How Forex Trading Works..
Currency trading is mainly about buy and sell activities. Currencies are traded on a price interest point (normally called pip) system. Every currency pair has their own pip value. The objective of a trader is to hold as many profitable pips as possible. Some pip values are fixed, but some can fluctuate depends on the currency gain or loses strength. Normally I trade by using margin trading, where small deposit is required to control much larger amount in the market. Here I will use 1 percent margin deposit so that $1000 control $100,000 of trade currency. $100,000 is the notional amount. Let me shows some major currency pair with the currency exchange rate and the pip values.
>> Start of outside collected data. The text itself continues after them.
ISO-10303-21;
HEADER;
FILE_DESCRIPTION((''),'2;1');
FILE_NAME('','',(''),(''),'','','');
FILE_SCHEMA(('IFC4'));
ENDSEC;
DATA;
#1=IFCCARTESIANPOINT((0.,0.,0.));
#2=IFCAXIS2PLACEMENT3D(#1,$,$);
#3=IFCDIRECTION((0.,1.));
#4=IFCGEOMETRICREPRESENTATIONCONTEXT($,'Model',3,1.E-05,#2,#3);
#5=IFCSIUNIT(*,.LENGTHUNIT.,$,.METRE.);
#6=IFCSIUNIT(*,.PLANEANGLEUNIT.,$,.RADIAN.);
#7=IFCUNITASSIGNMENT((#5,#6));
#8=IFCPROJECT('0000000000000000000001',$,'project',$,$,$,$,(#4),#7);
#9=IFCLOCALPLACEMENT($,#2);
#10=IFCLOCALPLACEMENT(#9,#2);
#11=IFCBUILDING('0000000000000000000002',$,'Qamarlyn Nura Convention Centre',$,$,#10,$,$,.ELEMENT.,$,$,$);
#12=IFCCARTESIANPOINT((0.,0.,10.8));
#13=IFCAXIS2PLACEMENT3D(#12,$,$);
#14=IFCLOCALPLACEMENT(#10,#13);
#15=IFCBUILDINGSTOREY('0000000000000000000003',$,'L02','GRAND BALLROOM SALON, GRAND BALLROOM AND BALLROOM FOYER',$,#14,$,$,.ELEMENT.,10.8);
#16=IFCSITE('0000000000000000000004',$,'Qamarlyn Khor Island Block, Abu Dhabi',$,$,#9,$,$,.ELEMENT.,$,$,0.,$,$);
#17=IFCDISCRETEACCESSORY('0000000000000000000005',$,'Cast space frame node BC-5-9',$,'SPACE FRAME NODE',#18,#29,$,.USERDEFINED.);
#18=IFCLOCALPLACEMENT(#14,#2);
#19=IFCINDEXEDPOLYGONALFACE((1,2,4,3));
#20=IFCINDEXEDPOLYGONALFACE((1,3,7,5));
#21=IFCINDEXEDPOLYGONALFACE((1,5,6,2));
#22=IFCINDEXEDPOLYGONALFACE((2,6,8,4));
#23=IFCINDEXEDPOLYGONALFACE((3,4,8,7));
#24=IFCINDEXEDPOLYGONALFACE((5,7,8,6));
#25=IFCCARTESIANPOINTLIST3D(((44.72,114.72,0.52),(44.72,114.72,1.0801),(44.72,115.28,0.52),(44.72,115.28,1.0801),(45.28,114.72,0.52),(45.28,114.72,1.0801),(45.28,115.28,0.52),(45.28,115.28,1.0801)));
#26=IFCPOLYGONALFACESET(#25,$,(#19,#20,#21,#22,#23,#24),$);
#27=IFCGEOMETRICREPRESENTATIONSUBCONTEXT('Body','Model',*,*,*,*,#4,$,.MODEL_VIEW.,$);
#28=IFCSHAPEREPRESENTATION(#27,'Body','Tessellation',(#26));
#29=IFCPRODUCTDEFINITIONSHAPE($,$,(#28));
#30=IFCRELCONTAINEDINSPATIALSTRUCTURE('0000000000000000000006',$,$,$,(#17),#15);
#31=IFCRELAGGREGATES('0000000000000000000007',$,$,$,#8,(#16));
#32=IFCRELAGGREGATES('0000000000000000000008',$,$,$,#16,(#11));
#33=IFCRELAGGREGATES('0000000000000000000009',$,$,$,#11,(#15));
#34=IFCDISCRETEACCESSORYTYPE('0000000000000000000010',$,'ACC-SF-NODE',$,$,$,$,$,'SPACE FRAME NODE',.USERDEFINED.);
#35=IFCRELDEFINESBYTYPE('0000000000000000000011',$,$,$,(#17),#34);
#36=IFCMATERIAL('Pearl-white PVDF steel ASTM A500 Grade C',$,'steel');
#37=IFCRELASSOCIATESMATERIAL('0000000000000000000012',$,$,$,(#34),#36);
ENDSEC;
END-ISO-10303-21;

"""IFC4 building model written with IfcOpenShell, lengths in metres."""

from ifc_helpers import new_model, si_unit, direction, frame, origin, origin_2d, place, context, subcontext, project, spatial, rectangle, extrude, material, type_object, element, save


model = new_model("IFC4")

# Units and contexts
model_context = context("Model", 3, precision=1e-05, world=origin(), true_north=direction((0.0, 1.0)))
body_context = subcontext(model_context, "Body", "Model", "MODEL_VIEW")
ifc_project = project(units=[si_unit("LENGTHUNIT", "METRE"), si_unit("PLANEANGLEUNIT", "RADIAN")], contexts=[model_context])

# Site, building, storey
site_placement = place(None, origin())
site = spatial("IfcSite", under=ifc_project, at=site_placement, Name="Qamarlyn Khor Island Block, Abu Dhabi", CompositionType="ELEMENT", RefElevation=0.0)
building_placement = place(site_placement, origin())
building = spatial("IfcBuilding", under=site, at=building_placement, Name="Qamarlyn Nura Convention Centre", CompositionType="ELEMENT")
storey_placement = place(building_placement, frame((0.0, 0.0, 10.8)))
storey = spatial("IfcBuildingStorey", under=building, at=storey_placement, Name="L02", Description="GRAND BALLROOM SALON, GRAND BALLROOM AND BALLROOM FOYER", CompositionType="ELEMENT", Elevation=10.8)

# Shared definitions
ifc_material_1 = material(Name="Pearl-white PVDF steel ASTM A500 Grade C", Category="steel")

# Discrete accessory
discrete_accessory_type = type_object("IfcDiscreteAccessoryType", Name="ACC-SF-NODE", ElementType="SPACE FRAME NODE", PredefinedType="USERDEFINED", material=ifc_material_1)
for number, where, z_axis, x_axis, name in (
    (1, (45.0, 115.0, 0.52), (0.0, 0.0, 1.0), (1.0, 0.0, 0.0), "Cast space frame node BC-5-9"),
):
    element("IfcDiscreteAccessory", number, at=place(storey_placement, frame(where, z_axis=z_axis, x_axis=x_axis)), inside=storey, type_object=discrete_accessory_type, Name=name, ObjectType="SPACE FRAME NODE", PredefinedType="USERDEFINED", context=body_context, shape_type="SweptSolid", body=[
        extrude(rectangle(XDim=0.5601, YDim=0.5601, at=origin_2d()), origin(), (0.0, 0.0, 1.0), 0.5601),
    ])

save(model, "model.ifc")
Currency | Currency exchange rate | Pip Value |
(GBP/USD) | 1.7204 | $10.00 per pip (fixed) |
(EUR/USD) | 1.1789 | $10.00 per pip (fixed) |
(USD/CAD) | 1.1642 | $8.59 per pip (fluctuating) |
(USD/JPY) | 117.82 | $8.49 per pip (fluctuating) |
For GBP/USD, 1 pip movement can be from 1.7203 to 1.7204. That means from 1.7102 to 1.7202, it should be 100 pip movement. Lets look for another example, USD/JPY, 1 pip movement is from 117.82 to 117.83 and 100 pips movement is from 117.83 to 118.83.